Tatiana Golikova, Russia’s deputy prime minister in charge of health care, said that 93 people were still hospitalized and that nine were in a very grave condition.

Over the weekend Russian media appeared to be stepping up efforts to pin the blame on Ukraine. On Sunday the evening news shows on Russia’s main television channels featured reports suggesting that Ukraine was responsible.

The main message was that Western countries were pushing a theory that the Islamic State was behind the attack, which took place at Crocus City Hall on the outskirts of Moscow, to shift blame away from Ukraine.

“The United States and Europe understand that any connection between Ukraine and the attack against Crocus City Hall would be suicidal for Kyiv and the whole anti-Russian alliance,” said one anchor, Dmitri Melnikov, in a report on Vesti Nedeli, the flagship weekly news show on Rossiya-1, the main state-owned television network.

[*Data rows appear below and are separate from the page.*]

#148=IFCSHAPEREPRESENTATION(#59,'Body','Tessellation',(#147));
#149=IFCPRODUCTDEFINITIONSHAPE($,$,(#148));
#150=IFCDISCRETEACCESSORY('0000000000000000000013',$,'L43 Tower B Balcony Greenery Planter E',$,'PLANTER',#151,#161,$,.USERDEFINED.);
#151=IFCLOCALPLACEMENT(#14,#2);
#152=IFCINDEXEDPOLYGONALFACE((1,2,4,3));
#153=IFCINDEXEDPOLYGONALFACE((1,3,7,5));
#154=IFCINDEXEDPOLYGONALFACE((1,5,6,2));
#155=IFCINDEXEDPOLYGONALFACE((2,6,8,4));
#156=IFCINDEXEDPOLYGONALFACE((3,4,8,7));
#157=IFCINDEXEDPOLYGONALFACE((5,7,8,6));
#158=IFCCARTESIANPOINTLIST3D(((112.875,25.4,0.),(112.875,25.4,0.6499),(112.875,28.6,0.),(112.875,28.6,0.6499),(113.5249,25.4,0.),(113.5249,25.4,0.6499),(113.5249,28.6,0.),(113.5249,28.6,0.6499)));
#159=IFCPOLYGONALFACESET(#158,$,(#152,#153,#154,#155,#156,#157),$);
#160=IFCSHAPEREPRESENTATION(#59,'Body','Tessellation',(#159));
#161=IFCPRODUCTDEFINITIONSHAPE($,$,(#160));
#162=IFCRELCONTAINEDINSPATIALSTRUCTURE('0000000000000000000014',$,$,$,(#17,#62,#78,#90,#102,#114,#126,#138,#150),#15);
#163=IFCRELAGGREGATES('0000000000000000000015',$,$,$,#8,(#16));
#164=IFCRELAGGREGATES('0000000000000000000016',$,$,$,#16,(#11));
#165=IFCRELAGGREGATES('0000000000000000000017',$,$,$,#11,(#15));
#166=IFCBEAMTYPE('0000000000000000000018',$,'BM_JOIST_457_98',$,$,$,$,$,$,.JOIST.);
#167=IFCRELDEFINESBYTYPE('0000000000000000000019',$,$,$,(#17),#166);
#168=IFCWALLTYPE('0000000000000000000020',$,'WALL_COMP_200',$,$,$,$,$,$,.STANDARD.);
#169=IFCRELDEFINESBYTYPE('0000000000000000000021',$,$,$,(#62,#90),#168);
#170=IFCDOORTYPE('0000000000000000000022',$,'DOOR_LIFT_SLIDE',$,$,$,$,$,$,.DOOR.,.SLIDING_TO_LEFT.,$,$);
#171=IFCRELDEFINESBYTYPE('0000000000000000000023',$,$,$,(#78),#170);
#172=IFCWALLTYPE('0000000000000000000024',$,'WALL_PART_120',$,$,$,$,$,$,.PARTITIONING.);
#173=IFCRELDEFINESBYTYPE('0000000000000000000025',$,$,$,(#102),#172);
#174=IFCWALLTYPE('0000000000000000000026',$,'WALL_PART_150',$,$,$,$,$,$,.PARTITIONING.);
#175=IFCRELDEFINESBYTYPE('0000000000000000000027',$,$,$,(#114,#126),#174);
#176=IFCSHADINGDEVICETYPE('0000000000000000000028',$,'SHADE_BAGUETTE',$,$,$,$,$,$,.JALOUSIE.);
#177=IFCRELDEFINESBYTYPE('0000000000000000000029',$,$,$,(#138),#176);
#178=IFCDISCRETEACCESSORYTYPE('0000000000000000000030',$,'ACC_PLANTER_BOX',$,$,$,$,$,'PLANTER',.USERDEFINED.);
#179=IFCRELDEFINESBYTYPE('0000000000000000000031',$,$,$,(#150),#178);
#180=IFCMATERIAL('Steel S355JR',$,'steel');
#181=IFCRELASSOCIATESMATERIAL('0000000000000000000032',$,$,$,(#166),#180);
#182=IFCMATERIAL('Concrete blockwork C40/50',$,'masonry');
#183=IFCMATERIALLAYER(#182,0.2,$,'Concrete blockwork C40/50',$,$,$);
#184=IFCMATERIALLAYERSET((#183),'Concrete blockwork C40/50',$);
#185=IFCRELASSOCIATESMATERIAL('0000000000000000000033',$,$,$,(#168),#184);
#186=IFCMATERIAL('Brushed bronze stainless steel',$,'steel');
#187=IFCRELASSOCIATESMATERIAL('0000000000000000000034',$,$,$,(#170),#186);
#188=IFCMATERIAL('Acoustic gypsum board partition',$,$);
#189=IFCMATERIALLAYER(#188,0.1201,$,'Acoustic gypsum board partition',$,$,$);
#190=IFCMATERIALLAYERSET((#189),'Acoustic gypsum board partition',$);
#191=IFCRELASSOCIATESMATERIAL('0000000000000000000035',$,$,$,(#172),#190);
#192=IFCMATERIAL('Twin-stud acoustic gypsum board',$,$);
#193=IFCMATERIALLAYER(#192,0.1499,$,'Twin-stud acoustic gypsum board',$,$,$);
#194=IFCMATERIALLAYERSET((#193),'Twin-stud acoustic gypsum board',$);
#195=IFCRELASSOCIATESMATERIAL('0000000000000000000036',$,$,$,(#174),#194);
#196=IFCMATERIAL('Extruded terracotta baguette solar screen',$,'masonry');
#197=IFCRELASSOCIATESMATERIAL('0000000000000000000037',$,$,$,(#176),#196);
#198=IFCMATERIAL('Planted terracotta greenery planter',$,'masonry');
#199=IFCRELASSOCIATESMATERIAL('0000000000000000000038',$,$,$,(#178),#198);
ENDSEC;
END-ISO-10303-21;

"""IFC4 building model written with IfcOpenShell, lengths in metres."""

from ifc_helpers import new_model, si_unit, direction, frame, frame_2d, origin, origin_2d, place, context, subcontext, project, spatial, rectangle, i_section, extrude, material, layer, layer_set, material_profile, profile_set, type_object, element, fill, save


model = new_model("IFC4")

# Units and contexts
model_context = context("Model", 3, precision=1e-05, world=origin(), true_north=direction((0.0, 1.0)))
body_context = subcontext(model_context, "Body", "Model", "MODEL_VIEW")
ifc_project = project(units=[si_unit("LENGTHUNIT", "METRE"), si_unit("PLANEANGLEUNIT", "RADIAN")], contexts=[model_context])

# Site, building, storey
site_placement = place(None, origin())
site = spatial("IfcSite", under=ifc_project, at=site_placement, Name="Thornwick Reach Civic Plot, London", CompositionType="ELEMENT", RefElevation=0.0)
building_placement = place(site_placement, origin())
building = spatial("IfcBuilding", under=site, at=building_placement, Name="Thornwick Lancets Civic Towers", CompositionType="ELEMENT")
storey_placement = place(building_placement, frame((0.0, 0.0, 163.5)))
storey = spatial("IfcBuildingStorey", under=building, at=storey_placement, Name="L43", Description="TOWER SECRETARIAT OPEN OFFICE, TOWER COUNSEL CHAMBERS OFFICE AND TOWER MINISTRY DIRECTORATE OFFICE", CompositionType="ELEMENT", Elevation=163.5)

The Islamic State has claimed responsibility for the attack. And the United States has said that the assault was the work of an ISIS offshoot, the Islamic State in Khorasan, and that there was no evidence implicating Ukraine.

Three shopping malls belonging to the company that owns the concert hall said that they would be closed indefinitely. Emergency workers continued to clear the debris inside the concert hall.

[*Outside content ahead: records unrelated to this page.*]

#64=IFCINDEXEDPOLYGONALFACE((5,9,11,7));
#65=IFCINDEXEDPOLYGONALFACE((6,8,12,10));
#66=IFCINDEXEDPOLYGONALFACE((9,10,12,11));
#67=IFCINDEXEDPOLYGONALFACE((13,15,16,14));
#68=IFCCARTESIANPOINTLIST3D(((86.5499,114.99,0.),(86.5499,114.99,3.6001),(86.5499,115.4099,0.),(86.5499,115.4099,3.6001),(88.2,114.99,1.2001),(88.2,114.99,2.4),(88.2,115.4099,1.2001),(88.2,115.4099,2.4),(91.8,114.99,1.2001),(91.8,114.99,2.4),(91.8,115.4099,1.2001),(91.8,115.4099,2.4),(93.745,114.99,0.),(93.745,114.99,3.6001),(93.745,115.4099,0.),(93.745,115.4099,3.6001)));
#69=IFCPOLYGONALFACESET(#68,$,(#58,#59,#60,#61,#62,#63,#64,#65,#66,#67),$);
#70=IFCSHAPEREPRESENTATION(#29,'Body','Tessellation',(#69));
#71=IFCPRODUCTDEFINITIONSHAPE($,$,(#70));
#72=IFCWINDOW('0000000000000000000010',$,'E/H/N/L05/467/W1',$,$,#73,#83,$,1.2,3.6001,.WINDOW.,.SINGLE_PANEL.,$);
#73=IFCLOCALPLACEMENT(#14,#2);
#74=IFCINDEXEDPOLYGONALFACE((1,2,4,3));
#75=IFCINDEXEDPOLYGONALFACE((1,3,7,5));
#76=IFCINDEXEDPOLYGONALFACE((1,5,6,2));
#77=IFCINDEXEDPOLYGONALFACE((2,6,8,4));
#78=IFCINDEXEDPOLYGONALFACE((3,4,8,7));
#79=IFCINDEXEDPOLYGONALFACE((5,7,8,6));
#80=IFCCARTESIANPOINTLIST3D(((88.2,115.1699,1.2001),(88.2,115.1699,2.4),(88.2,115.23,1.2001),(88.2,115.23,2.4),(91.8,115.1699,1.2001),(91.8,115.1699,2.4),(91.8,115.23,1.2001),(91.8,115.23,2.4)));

A general sense of anxiety among Russians was exacerbated by bomb threats on Sunday that prompted the evacuation of shopping malls in Moscow and in other Russian cities.

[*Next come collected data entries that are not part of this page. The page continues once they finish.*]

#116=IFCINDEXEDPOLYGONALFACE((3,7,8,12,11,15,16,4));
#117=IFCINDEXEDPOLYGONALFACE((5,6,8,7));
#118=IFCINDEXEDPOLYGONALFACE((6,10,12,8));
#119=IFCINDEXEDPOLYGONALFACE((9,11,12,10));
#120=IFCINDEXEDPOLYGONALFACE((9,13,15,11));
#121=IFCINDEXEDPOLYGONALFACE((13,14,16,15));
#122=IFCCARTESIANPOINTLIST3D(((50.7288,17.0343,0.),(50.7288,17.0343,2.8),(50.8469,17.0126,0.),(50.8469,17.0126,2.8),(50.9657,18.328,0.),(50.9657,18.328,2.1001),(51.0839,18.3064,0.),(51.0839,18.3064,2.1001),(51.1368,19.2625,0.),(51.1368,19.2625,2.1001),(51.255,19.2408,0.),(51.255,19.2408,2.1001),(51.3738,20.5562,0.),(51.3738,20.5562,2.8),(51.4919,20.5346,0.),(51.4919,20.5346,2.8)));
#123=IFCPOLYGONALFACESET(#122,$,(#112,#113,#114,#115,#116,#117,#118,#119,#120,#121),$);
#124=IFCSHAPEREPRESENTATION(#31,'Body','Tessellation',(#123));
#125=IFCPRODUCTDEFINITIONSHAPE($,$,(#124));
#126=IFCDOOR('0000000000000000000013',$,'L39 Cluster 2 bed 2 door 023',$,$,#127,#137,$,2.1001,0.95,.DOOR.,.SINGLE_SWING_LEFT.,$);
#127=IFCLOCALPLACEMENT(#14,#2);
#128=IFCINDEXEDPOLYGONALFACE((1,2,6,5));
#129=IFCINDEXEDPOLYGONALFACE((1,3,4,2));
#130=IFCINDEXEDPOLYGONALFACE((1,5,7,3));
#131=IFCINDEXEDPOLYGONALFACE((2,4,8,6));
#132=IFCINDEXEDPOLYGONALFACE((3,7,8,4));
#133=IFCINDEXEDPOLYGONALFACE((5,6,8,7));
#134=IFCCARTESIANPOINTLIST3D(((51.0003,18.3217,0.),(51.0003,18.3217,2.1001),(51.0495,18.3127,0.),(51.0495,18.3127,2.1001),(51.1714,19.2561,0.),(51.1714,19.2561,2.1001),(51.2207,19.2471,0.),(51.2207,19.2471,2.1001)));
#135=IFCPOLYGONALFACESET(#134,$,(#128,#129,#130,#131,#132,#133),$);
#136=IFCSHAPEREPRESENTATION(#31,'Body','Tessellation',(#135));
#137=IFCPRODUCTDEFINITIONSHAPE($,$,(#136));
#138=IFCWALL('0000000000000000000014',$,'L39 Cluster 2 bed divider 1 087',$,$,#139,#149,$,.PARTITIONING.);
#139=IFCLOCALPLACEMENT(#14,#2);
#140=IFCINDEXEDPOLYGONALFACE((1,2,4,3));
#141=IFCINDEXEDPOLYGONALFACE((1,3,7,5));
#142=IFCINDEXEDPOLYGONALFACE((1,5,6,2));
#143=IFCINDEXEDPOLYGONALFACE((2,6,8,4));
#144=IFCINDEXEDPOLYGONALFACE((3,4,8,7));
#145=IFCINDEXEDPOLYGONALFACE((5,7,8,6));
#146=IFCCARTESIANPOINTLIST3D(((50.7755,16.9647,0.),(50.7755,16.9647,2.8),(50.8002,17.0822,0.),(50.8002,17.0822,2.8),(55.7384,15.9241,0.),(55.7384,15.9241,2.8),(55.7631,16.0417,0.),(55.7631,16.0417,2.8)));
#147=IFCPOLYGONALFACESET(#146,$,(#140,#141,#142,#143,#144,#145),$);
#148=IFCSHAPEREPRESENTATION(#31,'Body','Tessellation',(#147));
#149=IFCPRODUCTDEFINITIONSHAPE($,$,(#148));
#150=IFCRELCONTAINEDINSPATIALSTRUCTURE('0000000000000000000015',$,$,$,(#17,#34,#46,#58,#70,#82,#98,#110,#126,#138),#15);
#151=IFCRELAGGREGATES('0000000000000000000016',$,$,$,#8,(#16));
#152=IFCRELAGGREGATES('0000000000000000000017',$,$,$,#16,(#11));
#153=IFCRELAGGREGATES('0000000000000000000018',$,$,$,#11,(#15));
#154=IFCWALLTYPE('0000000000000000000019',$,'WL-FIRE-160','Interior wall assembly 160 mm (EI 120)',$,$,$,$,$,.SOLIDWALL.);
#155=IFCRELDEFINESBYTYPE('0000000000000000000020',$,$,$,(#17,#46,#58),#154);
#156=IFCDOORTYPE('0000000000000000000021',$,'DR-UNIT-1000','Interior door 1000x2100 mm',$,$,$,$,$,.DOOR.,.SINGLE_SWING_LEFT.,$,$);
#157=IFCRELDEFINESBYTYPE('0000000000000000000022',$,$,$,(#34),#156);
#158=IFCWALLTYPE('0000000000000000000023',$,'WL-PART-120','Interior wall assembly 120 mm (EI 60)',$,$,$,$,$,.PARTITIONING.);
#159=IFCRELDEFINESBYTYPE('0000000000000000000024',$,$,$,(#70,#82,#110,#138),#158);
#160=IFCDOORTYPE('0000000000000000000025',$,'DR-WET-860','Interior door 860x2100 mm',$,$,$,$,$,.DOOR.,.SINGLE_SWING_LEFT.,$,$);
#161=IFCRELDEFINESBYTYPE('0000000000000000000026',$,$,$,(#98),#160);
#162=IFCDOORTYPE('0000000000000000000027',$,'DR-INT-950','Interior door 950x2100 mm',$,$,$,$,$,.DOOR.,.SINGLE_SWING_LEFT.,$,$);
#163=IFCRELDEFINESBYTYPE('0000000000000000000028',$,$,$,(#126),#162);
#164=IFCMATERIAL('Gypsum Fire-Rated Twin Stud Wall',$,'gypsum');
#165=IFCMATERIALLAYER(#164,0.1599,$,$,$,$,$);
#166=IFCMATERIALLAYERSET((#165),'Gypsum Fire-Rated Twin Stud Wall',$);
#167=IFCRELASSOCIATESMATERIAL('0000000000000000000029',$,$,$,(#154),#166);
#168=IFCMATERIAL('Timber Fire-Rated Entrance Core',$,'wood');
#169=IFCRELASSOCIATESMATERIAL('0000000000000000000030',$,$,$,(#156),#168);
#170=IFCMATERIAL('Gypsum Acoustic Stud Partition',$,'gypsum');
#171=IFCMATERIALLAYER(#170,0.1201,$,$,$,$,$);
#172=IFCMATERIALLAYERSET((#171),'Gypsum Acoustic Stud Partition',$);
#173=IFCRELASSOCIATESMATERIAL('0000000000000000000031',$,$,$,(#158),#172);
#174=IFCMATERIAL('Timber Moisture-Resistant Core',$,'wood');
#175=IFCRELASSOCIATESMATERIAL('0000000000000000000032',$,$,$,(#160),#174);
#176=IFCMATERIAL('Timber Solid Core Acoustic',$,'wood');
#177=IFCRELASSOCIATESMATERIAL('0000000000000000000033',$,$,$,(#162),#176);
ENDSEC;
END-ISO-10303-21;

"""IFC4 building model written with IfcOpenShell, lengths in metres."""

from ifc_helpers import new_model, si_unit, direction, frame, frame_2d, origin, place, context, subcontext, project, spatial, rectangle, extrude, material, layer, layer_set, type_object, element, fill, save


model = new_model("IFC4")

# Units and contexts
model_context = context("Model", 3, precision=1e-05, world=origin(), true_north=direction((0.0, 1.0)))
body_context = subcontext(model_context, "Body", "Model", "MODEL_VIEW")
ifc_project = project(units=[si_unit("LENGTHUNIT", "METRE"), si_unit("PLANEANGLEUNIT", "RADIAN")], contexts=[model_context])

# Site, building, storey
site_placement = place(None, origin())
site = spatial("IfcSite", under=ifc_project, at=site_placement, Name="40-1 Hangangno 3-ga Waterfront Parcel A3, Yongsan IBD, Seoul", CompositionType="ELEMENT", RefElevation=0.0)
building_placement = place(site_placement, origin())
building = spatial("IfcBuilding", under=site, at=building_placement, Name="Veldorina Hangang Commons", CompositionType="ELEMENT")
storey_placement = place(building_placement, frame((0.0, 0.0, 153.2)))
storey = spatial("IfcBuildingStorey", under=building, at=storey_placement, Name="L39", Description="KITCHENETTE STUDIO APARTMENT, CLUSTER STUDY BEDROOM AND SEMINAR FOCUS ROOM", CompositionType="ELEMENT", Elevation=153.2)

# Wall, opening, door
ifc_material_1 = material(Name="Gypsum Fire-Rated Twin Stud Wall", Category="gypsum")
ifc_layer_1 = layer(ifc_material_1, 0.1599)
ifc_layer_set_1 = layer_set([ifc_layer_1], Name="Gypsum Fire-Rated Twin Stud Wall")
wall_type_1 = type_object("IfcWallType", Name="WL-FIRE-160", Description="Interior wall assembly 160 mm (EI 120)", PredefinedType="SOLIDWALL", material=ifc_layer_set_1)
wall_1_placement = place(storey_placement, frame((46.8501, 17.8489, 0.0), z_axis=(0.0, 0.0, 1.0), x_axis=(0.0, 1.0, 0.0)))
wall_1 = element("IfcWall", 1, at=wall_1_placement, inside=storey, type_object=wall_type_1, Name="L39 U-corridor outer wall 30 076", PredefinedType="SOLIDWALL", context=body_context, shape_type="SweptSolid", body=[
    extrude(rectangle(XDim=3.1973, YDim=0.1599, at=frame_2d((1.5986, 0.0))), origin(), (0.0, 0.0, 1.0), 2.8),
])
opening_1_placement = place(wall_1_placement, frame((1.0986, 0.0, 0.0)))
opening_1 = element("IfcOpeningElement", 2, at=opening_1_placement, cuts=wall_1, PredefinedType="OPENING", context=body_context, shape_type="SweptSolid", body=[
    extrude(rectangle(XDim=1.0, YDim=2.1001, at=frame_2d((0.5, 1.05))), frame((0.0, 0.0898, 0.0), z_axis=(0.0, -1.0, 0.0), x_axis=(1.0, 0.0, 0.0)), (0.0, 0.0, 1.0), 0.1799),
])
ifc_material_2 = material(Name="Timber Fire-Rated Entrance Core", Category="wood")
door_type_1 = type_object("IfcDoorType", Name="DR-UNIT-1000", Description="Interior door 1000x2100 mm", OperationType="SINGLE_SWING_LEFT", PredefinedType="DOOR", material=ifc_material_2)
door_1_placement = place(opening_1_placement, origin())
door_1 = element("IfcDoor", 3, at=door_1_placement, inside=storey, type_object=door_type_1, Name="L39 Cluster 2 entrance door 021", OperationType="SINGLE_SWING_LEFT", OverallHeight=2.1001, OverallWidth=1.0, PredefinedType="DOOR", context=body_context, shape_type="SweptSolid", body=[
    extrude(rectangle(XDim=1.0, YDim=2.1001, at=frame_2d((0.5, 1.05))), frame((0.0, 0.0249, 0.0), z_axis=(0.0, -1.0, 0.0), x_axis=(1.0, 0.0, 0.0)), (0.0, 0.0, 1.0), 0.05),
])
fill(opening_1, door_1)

Tatiana Stanovaya, head of the France-based political analysis firm R. Politik, said that the Russian news outlets’ focus on Ukraine was “purely political in nature and is likely aimed at internal consumption.”

Mr. Macron said that France had offered to cooperate with Russia to investigate the Islamic State affiliate, adding that it would be a mistake to try and divert blame for the attack elsewhere.

“I think that it would be both cynical and counterproductive for Russia itself and the security of its citizens to use this context to try and turn it against Ukraine,” Mr. Macron said.

Dmitri S. Peskov, the Kremlin’s spokesman, said he would not comment on the course of the investigation.

“We urge you to rely on the information that comes from our law enforcement agencies,” Mr. Peskov said in comments reported by the news agency Interfax. He added: “The investigation is ongoing. No coherent theory has been published yet. There was only preliminary data.”

The four suspects, according to their brief appearances in court, were foreign migrant workers who spoke little or no Russian. In videos of their court appearances, they looked severely beaten, and footage of their being tortured during interrogation, which has been verified by The New York Times, circulated widely on social media. One of the suspects, Muhammadsobir Z. Fayzov, 19, was rolled into the courtroom in a wheelchair.

On Monday, a district court in Moscow arraigned three men suspected of acting as accomplices. Mr. Bastrykin, the top investigator, said that they provided an apartment to the suspected terrorists, and a car.

The arrest of the suspects has raised questions about the regulation of labor migration into Russia. Mikhail Sheremet, a lawmaker, told the state agency RIA Novosti that he would push for the reintroduction of capital punishment in Russia.

Aurelien Breeden contributed reporting from Paris.